The fifth shift is therefore for funders to use their institutional power and voice to acknowledge harm, and develop cultures of learning and mutual accountability within their own institutions. Camelback Ventures, for example, focuses on this. This means conducting regular self-inquiry: Did we do what we committed to do this year? Did we measurably improve our work as a funder? How does our culture, including the boardroom and workplace, reenact trauma or establish habits for healing? How do our actions contribute to systems change and healing? How do our processes contribute to harm, and how might we lessen this? How do we know?

Chicago Beyond strives to make regular, meaningful, feedback-driven improvements to our strategies, funding mechanisms, policies, and practices. Annual performance reviews for all staff at Chicago Beyond assess learning, and we make sure to translate regularly occurring reflection periods with our partners into action, including setting up on-the-ground services like food packaging and distribution to community networks during the COVID-19 pandemic, or supplementing funding to adjust for inflation. Sharing changes we make with our partners so that they can see their impact on us has propelled a virtuous cycle, helping us improve our work more significantly and faster.

From Unfamiliar to Possible

As funders seek to address social and environmental challenges systemically, it makes sense to begin by examining our role in them. Many traditional funding practices constrain our thinking and ways of working in a way that dramatically limits the potential for change.

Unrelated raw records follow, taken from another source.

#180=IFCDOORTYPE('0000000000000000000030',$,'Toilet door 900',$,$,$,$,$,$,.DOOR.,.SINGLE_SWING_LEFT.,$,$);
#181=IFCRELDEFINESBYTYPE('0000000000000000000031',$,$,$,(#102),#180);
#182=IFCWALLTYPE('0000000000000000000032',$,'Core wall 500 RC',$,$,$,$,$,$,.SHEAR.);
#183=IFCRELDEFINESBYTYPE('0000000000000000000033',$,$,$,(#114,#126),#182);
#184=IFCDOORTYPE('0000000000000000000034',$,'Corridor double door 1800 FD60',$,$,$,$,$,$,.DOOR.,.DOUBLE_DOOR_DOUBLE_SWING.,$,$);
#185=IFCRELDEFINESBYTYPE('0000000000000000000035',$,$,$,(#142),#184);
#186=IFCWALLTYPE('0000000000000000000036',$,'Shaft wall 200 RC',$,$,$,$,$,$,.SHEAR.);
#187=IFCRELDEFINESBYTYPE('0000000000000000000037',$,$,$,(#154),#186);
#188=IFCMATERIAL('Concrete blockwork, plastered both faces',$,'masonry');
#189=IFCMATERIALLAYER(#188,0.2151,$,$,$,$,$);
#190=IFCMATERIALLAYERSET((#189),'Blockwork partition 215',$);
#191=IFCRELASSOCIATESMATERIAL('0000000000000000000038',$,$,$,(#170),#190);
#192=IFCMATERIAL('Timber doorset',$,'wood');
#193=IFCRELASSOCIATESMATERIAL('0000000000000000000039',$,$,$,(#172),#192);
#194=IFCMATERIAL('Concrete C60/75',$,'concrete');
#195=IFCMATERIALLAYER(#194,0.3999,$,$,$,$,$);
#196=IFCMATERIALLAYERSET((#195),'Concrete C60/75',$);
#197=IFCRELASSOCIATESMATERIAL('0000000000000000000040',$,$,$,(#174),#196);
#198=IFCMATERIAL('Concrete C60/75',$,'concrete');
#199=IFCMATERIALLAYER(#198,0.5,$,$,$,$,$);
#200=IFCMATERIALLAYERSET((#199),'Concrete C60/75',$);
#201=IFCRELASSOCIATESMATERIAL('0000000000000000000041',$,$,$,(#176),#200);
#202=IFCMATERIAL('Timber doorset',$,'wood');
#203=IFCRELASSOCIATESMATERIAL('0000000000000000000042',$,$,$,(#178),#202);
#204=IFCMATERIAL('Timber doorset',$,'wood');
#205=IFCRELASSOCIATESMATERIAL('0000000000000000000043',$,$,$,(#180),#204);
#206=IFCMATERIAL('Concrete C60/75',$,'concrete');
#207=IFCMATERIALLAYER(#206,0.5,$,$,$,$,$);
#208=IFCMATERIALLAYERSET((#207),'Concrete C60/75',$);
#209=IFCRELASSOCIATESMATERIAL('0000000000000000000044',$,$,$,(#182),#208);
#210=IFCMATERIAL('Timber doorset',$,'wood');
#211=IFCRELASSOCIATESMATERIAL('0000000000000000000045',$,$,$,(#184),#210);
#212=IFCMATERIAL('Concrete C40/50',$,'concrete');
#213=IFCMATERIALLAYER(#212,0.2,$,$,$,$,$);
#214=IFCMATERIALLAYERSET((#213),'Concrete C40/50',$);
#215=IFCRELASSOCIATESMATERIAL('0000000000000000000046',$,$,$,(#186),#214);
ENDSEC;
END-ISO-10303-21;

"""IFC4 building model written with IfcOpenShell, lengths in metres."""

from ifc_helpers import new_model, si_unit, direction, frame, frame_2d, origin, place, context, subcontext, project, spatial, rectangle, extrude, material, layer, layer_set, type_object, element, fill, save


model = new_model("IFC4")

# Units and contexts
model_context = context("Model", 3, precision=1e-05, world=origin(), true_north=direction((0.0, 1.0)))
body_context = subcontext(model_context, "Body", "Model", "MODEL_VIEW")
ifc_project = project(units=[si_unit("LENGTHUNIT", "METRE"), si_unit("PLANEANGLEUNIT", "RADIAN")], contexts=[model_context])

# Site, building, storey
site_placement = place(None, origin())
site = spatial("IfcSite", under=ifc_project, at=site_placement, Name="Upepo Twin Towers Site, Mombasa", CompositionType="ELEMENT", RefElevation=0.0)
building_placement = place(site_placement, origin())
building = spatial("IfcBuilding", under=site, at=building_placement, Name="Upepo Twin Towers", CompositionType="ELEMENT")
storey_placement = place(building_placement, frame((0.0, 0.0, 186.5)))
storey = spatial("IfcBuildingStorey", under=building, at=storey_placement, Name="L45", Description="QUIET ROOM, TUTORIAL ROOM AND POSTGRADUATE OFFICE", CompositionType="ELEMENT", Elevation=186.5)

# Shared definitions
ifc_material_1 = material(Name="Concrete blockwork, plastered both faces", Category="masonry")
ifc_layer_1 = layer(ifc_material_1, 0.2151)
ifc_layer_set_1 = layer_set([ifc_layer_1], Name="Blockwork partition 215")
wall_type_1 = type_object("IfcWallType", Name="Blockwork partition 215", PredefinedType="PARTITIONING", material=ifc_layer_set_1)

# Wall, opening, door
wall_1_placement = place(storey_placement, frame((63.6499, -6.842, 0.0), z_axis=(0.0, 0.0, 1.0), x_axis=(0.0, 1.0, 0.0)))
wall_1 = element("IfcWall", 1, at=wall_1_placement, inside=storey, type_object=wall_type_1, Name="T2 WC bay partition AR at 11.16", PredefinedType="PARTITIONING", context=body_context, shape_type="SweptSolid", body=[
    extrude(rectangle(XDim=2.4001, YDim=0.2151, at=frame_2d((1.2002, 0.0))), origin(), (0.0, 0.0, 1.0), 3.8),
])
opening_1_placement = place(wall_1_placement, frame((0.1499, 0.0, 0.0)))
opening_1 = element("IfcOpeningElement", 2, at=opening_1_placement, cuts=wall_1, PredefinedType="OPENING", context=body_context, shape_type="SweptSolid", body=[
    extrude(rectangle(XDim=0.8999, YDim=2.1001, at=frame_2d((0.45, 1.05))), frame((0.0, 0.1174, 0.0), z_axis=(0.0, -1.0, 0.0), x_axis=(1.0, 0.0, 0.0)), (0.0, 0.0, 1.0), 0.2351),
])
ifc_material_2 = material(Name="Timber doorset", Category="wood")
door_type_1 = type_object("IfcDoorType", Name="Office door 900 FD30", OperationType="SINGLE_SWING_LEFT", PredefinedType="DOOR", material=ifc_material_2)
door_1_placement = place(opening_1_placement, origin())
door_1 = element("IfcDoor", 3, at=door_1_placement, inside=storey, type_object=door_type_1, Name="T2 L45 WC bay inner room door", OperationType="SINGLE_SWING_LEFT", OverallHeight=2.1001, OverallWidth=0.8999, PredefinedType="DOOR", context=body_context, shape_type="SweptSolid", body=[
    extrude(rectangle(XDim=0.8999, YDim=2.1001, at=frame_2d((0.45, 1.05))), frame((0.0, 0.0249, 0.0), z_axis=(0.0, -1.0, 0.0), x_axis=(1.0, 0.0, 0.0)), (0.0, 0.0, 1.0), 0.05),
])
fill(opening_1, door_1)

Funders have many different strategies, institutional cultures, and attitudes toward power, participation, and trust. The five shifts described above can help funders increase our effectiveness at systems change and honor our commitment to being rigorous, accountable, and savvy about risk. By taking the funder out of the center and deepening engagement with individuals and organizations, we can widen our perspective of social challenges and solutions, ultimately so that funding can help humans and the natural world thrive long-term.